Your Hearts Desire   Thanks to Freeverse's Hearts Deluxe, you can play hearts anytime--no human opponents required.

Freeverse ( ) is another fine shareware game publisher, especially if you're into card games. This company produces such noteworthy games as Hearts Deluxe, Spades Deluxe, Classic Gin Rummy, and Burning Monkey Solitaire–a version of the solitaire game Klondike that inexplicably takes place in a theater full of simians. You'll definitely want to pay the shareware fees for Hearts Deluxe and Spades Deluxe. Unless you pay, your opponents are about as bright as a troughful of swamp water, which hardly leads to challenging game play. However, by the time you read this you should be able to eschew computer opponents altogether by playing Cribbage and Spades over the Web via Freeverse's server. Also worth a download are Freeverse's board games: Enigma, a code-breaking game; CrossCards, a poker-Scrabble combination; Reversi: The Eclipse, an Othello clone; and X-Words Deluxe, a Scrabble twin. Prices for all of Freeverse's games range between $15 and $20. By the way, if you're one of the few souls left among us who lacks an Internet connection, dry your tears. Both Ambrosia and Freeverse offer unregistered versions of their games on CD-ROM for $10.

What's Puzzling You?   Those who fondly remember MasterMind, the "match the colors and patterns" puzzle game from the 1970s, will love Freeverse's Enigma.

While you're cruising the Net, don't miss Fantasoft's Web site ( ). This is the realm of Realmz, a popular Dungeons and Dragons-style role-playing game. You know the type: you gather a group of oh-so-romantic beings–sorcerers, elves, and so forth–and traipse around the countryside performing deeds of derring-do while giving the boot to ill-tempered, often orthodontically impaired bad guys. Frankly, this style of gaming is as appealing to me as removing plaque from my cat's teeth, but those who like this sort of thing swear that Realmz is The Goods. If you're as willing to believe them as I, you can get your copy of Realmz and the City of Bywater scenario for $20 (additional scenarios are $13 each). I much prefer Fantasoft's arcade and puzzle games. Fans of the old Donkey Kong arcade standard will enjoy the $20 Monkey Shines, and those who fondly remember Glenn Andreas's Blobbo–a puzzle game that requires you to gather the goods and avoid falling objects–will feel right at home with Fantasoft's $20 Bugs Bannis.
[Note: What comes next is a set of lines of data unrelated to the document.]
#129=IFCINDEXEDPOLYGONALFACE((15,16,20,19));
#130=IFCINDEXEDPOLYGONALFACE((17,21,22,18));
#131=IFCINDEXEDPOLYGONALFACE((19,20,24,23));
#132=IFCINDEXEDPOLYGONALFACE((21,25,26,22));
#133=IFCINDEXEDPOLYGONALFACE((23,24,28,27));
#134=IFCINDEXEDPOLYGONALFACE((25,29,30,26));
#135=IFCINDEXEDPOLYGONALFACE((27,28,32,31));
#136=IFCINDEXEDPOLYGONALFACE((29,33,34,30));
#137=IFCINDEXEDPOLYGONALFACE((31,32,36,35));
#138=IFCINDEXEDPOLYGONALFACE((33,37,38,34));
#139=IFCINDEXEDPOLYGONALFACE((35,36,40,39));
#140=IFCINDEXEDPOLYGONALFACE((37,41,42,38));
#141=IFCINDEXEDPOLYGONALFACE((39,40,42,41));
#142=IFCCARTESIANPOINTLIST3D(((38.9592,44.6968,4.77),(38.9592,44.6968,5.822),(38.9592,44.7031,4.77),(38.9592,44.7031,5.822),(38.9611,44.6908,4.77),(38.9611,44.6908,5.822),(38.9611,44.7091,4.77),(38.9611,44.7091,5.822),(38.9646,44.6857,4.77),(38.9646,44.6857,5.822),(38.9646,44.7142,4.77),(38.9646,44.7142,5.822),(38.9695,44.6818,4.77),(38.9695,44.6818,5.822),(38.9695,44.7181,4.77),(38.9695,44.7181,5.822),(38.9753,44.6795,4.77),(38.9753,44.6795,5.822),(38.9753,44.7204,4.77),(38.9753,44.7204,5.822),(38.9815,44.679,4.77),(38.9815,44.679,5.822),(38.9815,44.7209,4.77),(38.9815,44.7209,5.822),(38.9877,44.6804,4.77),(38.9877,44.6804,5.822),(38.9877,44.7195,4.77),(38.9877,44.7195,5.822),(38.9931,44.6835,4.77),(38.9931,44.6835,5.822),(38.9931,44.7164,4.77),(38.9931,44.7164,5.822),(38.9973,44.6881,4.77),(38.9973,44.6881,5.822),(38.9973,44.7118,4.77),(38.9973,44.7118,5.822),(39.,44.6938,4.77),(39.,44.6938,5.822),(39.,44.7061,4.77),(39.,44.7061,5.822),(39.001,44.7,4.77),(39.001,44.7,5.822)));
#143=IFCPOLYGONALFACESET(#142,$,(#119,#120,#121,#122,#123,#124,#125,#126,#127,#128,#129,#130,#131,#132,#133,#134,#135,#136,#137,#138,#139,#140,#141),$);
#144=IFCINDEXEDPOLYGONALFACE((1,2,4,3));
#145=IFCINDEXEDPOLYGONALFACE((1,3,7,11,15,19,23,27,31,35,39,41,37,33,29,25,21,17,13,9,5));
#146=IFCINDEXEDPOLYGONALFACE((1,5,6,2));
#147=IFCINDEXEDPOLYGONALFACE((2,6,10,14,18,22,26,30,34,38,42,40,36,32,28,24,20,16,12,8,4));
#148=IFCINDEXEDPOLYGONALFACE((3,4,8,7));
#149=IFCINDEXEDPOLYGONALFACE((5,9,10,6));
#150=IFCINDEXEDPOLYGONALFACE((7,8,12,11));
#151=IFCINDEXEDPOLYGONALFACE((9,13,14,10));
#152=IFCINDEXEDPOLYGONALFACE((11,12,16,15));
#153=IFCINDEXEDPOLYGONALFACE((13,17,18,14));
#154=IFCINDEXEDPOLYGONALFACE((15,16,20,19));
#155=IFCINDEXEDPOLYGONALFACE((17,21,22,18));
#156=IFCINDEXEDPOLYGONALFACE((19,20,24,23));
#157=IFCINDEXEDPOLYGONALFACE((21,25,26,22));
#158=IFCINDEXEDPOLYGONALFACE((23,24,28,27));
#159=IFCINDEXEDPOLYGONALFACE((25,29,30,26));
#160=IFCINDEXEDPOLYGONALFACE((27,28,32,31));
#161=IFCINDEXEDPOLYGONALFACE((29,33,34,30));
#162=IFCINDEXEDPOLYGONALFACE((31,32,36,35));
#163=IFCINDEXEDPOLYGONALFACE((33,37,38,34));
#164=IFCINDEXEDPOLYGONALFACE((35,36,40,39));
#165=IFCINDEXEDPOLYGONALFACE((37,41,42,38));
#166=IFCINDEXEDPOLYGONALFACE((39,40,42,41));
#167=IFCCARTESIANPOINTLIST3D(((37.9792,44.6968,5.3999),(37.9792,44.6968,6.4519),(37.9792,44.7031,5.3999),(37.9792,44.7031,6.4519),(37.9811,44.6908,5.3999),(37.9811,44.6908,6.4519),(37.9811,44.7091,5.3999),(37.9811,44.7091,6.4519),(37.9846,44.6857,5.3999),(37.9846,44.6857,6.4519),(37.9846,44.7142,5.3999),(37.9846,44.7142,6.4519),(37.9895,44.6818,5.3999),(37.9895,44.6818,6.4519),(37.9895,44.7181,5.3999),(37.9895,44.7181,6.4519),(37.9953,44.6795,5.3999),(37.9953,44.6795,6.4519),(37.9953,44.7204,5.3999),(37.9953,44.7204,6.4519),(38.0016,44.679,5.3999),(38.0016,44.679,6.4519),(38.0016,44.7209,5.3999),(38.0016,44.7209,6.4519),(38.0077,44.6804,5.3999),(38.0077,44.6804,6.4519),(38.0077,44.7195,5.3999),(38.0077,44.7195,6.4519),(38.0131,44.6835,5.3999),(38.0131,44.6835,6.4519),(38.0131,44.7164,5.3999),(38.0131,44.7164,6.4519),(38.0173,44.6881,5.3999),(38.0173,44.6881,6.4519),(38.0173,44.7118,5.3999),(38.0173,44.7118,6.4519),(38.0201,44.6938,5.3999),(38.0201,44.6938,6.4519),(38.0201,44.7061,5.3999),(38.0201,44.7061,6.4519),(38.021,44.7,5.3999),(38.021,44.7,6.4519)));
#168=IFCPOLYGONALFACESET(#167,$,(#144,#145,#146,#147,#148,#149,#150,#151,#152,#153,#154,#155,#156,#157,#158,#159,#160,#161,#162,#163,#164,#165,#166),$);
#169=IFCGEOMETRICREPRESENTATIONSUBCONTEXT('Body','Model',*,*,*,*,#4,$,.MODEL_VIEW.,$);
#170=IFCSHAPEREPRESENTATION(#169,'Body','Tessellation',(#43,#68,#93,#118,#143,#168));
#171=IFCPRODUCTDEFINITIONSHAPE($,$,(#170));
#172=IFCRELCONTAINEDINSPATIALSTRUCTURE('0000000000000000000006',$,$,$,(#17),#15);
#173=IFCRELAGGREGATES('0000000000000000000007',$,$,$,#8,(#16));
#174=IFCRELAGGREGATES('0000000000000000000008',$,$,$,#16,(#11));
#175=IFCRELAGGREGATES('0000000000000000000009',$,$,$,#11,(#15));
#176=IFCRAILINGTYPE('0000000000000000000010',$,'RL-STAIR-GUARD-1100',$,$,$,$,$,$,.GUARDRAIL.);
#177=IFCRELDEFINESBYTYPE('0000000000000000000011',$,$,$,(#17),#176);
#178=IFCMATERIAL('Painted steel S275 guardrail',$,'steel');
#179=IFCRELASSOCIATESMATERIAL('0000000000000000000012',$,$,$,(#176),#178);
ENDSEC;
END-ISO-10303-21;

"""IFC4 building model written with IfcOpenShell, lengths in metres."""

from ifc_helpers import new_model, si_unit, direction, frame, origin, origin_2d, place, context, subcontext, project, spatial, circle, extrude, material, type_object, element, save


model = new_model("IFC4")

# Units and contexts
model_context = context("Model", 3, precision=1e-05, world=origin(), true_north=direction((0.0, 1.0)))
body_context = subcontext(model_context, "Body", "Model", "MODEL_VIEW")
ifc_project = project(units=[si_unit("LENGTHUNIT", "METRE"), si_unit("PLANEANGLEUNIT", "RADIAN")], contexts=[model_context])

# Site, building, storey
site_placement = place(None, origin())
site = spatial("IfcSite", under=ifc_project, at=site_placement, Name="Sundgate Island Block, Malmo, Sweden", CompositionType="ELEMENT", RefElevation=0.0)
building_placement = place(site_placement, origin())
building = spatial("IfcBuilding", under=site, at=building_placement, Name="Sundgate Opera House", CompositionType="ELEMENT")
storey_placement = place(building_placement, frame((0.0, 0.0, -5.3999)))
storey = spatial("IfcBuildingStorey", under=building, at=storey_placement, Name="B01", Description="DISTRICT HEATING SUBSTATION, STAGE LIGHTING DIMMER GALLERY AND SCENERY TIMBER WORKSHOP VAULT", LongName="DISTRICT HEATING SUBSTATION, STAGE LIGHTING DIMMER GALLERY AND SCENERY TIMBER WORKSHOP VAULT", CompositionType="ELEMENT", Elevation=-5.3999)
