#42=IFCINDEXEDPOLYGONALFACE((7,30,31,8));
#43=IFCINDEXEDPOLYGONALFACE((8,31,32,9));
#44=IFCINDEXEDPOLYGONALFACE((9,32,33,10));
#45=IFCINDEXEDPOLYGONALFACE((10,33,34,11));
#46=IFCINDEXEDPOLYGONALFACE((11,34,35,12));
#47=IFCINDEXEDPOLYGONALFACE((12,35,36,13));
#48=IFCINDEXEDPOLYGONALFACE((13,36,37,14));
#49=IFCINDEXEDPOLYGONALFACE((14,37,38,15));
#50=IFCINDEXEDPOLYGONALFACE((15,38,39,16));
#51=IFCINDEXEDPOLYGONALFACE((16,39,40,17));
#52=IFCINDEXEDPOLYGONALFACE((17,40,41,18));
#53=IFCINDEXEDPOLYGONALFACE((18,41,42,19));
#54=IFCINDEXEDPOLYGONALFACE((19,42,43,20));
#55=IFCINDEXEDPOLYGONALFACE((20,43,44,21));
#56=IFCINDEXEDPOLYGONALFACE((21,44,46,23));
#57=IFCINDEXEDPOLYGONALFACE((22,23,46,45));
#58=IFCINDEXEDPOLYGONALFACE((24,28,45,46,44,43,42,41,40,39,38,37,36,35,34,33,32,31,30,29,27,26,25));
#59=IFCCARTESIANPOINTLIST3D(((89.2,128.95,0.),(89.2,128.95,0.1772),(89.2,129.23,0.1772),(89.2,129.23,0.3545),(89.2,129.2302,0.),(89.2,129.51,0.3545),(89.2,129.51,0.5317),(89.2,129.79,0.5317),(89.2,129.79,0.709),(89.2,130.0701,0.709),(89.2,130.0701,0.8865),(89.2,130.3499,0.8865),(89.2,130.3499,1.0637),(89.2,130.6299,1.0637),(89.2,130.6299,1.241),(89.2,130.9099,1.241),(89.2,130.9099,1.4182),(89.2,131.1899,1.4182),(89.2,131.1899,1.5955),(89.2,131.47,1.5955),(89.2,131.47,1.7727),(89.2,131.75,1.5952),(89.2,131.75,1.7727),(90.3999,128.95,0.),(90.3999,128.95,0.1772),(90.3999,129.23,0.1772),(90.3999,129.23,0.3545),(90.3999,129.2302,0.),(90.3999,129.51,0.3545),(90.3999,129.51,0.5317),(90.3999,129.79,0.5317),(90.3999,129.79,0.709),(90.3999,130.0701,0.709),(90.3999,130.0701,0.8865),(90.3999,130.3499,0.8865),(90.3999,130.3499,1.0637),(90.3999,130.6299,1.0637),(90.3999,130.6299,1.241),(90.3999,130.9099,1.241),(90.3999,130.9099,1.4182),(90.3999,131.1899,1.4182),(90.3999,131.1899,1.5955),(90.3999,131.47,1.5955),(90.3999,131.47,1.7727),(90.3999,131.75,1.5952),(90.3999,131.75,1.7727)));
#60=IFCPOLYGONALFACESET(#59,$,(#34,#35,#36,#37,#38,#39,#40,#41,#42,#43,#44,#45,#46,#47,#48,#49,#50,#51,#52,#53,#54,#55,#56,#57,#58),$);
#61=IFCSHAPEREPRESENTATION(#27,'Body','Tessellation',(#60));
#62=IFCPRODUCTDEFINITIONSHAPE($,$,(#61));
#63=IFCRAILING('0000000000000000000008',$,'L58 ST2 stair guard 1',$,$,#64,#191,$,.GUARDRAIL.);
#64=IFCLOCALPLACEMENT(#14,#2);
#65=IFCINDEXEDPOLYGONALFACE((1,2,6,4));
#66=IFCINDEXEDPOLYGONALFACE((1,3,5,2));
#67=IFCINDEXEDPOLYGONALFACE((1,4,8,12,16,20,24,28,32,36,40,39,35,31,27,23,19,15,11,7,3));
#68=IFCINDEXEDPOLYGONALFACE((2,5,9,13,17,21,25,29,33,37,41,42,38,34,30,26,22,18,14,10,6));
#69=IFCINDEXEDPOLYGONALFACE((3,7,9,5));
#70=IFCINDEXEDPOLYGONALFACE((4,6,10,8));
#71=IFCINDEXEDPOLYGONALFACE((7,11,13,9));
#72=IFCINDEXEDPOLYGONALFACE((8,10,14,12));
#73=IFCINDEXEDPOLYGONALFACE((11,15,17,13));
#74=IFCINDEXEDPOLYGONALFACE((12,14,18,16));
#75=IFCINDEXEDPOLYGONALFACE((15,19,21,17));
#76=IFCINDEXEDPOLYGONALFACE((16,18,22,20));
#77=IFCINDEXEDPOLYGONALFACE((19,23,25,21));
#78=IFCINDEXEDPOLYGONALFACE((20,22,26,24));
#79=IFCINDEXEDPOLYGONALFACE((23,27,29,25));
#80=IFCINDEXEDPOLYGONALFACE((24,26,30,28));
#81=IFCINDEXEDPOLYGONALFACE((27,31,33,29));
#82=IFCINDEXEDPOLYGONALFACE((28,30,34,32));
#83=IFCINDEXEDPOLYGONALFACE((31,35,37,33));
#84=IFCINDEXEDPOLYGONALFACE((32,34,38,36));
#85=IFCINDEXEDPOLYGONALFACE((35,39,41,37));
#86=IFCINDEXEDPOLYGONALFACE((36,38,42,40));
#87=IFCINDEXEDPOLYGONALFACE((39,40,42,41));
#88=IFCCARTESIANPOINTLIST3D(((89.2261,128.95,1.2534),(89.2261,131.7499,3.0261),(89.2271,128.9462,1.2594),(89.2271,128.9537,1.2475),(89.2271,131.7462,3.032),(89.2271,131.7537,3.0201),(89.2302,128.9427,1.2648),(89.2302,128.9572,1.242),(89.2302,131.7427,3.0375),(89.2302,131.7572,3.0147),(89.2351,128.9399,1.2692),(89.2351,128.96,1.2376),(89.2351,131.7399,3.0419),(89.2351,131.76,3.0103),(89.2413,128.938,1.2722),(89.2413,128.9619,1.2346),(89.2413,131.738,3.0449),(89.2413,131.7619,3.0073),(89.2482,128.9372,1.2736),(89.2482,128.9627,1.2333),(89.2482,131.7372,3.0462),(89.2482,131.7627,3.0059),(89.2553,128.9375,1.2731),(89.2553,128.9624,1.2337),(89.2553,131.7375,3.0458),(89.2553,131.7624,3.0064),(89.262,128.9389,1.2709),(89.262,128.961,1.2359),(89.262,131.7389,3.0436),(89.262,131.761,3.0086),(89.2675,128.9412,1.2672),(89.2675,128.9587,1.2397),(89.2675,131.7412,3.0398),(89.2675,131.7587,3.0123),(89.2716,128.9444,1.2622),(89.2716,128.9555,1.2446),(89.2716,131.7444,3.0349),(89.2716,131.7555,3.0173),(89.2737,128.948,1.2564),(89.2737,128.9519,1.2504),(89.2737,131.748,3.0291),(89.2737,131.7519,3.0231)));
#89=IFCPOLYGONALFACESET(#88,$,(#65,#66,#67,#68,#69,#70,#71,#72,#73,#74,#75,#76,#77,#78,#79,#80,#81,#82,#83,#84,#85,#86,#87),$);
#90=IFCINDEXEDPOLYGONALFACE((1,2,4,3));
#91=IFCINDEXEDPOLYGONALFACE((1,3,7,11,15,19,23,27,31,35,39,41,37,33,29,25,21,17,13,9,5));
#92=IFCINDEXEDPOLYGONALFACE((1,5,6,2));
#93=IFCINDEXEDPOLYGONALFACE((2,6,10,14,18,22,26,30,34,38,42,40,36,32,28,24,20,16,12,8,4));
And finally, no roundup of Net-based, inexpensive gaming goodies can fail to mention MacMame
( ), a free emulation program that allows your Mac to perform convincing imitations of early 1980s arcade machines. With MacMame you can play such classic games as Asteroids, Defender, Frogger, Battlezone, DigDug, and dozens more.

Note, however, that the developers of this emulation system ask that before you download any games (games come separately, you see), you ensure that you own copies of the original cartridge versions of the games. Apparently there's a hazy legal issue about running these old warhorses without having paid for the license. If you own the old games, you've paid for the license and therefore everything should be hunky-dory. If you don't own the games, then technically you're stealing someone's work, even though that work has been out of print since The Dukes of Hazzard played in prime time.

In good conscience, I should issue this warning: now that you know there are games this good at prices this reasonable, it won't be long before your Macintosh's hard drive is crowded with games and your ability to chip in with the ersatz Eberts around the office watercooler will be vastly diminished. But in the end you'll thank me. Sure, like me, you won't get out to the movies until the next installment of Star Wars comes out, but when it does, you'll have saved enough dough for the $12.75 admission and the small $25 tub of popcorn.